Creating a Sample of Marathon Race Results for Age Analysis
The first step in analyzing the age grading system and its alternatives
How do you effectively compare the race results of two athletes in different age groups?
That’s the question I’m tackling in a series that I’ll be working on over the next few weeks. Currently, the most widely adopted method is to use the age grading system maintained by World Masters Athletics.
While this system has its uses, it’s not without its flaws. See the original article in the series for some of the potential issues.
The first step in developing an alternative to the current age grading system is to collect a suitable sample of race results to use as the basis for analysis.
And that’s what I want to talk about today. What races should we look at — and once I’ve collected the data what does the sample include?
Identifying the Races to Collect Results For
I already have some of the relevant data, and I’m familiar with what’s out there. In the fall, I wrote a ten part series that analyzed twenty years of race results to see if American runners were getting faster or slower.

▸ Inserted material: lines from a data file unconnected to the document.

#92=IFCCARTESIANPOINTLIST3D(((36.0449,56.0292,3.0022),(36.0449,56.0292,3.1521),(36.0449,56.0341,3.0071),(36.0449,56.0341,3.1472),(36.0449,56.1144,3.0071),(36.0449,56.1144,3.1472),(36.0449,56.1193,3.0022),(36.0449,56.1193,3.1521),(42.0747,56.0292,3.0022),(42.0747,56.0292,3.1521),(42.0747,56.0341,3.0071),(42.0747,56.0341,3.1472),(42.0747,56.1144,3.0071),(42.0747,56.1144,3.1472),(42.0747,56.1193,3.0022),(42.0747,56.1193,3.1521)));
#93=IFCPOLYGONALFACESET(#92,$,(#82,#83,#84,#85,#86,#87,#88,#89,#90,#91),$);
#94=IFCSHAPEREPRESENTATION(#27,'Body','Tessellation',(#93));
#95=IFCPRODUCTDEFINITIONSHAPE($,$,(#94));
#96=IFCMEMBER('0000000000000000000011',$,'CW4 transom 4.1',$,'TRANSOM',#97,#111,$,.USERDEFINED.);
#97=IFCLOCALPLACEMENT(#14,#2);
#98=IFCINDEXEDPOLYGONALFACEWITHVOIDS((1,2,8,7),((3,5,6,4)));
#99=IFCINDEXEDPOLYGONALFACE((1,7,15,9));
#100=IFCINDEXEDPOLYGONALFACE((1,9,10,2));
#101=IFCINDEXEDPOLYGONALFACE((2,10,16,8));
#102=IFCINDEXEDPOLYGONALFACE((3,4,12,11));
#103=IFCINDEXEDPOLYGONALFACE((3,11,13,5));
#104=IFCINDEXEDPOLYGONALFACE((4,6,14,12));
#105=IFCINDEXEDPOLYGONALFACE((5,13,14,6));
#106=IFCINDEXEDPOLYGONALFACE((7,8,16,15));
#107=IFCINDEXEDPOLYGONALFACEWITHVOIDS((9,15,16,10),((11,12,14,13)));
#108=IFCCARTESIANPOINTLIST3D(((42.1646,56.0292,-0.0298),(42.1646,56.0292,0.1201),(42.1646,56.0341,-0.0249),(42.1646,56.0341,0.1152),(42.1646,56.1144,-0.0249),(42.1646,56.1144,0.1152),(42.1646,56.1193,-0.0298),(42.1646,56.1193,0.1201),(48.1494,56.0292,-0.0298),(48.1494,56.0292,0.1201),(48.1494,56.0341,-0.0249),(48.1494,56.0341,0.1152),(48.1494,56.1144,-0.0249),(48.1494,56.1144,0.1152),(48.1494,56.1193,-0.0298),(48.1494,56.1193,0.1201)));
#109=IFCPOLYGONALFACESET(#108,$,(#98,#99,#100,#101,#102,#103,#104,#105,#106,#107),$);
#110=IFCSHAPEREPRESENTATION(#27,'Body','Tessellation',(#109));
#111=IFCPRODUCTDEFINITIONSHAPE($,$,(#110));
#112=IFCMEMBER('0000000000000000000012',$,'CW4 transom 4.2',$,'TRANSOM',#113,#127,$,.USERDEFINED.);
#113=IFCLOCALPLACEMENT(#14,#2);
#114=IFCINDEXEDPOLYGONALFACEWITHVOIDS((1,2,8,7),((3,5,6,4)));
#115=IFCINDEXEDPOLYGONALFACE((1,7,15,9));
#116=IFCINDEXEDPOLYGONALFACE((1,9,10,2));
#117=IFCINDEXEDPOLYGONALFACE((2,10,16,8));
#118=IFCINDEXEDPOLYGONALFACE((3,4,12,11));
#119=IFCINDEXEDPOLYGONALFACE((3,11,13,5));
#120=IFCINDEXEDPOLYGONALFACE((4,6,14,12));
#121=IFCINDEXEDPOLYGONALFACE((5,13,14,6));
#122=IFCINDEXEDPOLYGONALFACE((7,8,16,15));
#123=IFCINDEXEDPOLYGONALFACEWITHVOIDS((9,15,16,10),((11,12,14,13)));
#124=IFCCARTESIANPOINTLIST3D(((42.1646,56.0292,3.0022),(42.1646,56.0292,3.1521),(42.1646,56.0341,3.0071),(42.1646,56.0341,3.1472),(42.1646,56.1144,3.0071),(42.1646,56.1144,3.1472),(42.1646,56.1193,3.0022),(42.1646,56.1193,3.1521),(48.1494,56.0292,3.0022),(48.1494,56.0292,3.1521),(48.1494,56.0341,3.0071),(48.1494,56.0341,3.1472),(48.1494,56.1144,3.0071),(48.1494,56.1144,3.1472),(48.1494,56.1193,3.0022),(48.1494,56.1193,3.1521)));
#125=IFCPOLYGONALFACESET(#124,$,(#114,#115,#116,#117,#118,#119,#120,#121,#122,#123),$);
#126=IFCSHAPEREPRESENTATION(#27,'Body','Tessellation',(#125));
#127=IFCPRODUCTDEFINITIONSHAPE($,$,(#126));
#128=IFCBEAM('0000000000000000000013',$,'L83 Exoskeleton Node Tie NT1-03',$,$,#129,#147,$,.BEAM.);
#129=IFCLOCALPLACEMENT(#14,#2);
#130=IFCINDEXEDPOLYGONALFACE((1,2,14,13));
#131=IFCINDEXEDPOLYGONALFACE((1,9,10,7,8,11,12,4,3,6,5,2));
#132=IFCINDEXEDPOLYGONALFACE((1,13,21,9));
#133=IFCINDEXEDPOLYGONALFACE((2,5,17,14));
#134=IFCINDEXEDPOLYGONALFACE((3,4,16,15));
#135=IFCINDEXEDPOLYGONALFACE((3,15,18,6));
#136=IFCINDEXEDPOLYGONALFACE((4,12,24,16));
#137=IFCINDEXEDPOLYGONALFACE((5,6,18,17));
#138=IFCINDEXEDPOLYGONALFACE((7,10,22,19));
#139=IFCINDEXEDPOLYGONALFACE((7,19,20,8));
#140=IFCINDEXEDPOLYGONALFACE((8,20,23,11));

It turns out, if you compare within age and gender groups, times have generally been improving.
My main area of focus in that analysis was on the fastest runners — and so while the sample I used was generally representative of all American runners, it may have been weighted a little more heavily in favor of faster runners.
For this analysis, I want to make sure that the sample is broadly representative of the running population as a whole. That means fast, slow, old, young, men, and women. Basically everybody and anybody who runs a marathon in a given year.
Before we get into the actual data, here are a few of the questions I’ve thought about.
What Time Period Should We Cover?
My previous work has shown that times among American marathoners have been improving since 2000 — so I’m hesitant to use a time period that is overly broad. The results may not be indicative of results today.
At the same time, COVID threw a wrench in the running industry. Results from 2020–2022 are hardly representative of normal years. 2023 is the closest thing to a normal year post-COVID, and participation still hasn’t fully rebounded.
For now, I’m going to focus on 2010 to 2019. This is ten years, so it’s broad enough to ease out any outliers. It also limits the length of time over which times may have changed.
I think it’s a good compromise for now to show a baseline — and I’ll return later to see how the data for 2023 compares.
Can We Narrow It Down a Little Further?
Using 2010 to 2019 as a starting point leaves a pretty big population of runners to analyze — 6,649 total races with 5,111,548 total finishes.
We could randomly sample races from this list, but ensuring that the sample is representative gets a little complicated when you consider the huge disparities in size between races.
Another option is to limit the analysis to a specific part of the year. Fall is a popular racing season, so if we target all marathons in September, October, and November, we can get a large sample that should still be pretty representative.
This also narrows things down to one season and reduces the likelihood of an individual runner competing multiple times in a year in different marathons. Although serious runners may compete in 2–3 races per year, they’re typically spread out across the seasons.
This narrows things down considerably — to 2,455 races and 2,340,518 finishes.
What About Eliminating Smaller Races?
While that’s a smaller sample, it’s still a pretty large number of races. And I’ll bet that the majority of them only have 100 or 200 runners.
Eliminating those smaller races could drastically reduce the total number of races — and thus the complexity of the data sourcing issue — without drastically reducing the number of runners — and thus reducing the quality of the dataset.
If you set the bar at 100 finishers, that brings the number of races down to 1,549 and the number of finishers to 2,295,701. That’s hardly any difference in the number of finishers (about 2%), but it’s still a pretty big number of races.
If you set the bar at 500 finishers, that brings the number of races down to 543 and the number of finishers to 2,061,500. That’s about an 80% reduction in the number of races while only reducing the number of finishers by about 10%.
If you set the bar at 1,000 finishers, you bring down the number of races to 324 and the number of finishers to 1,904,094.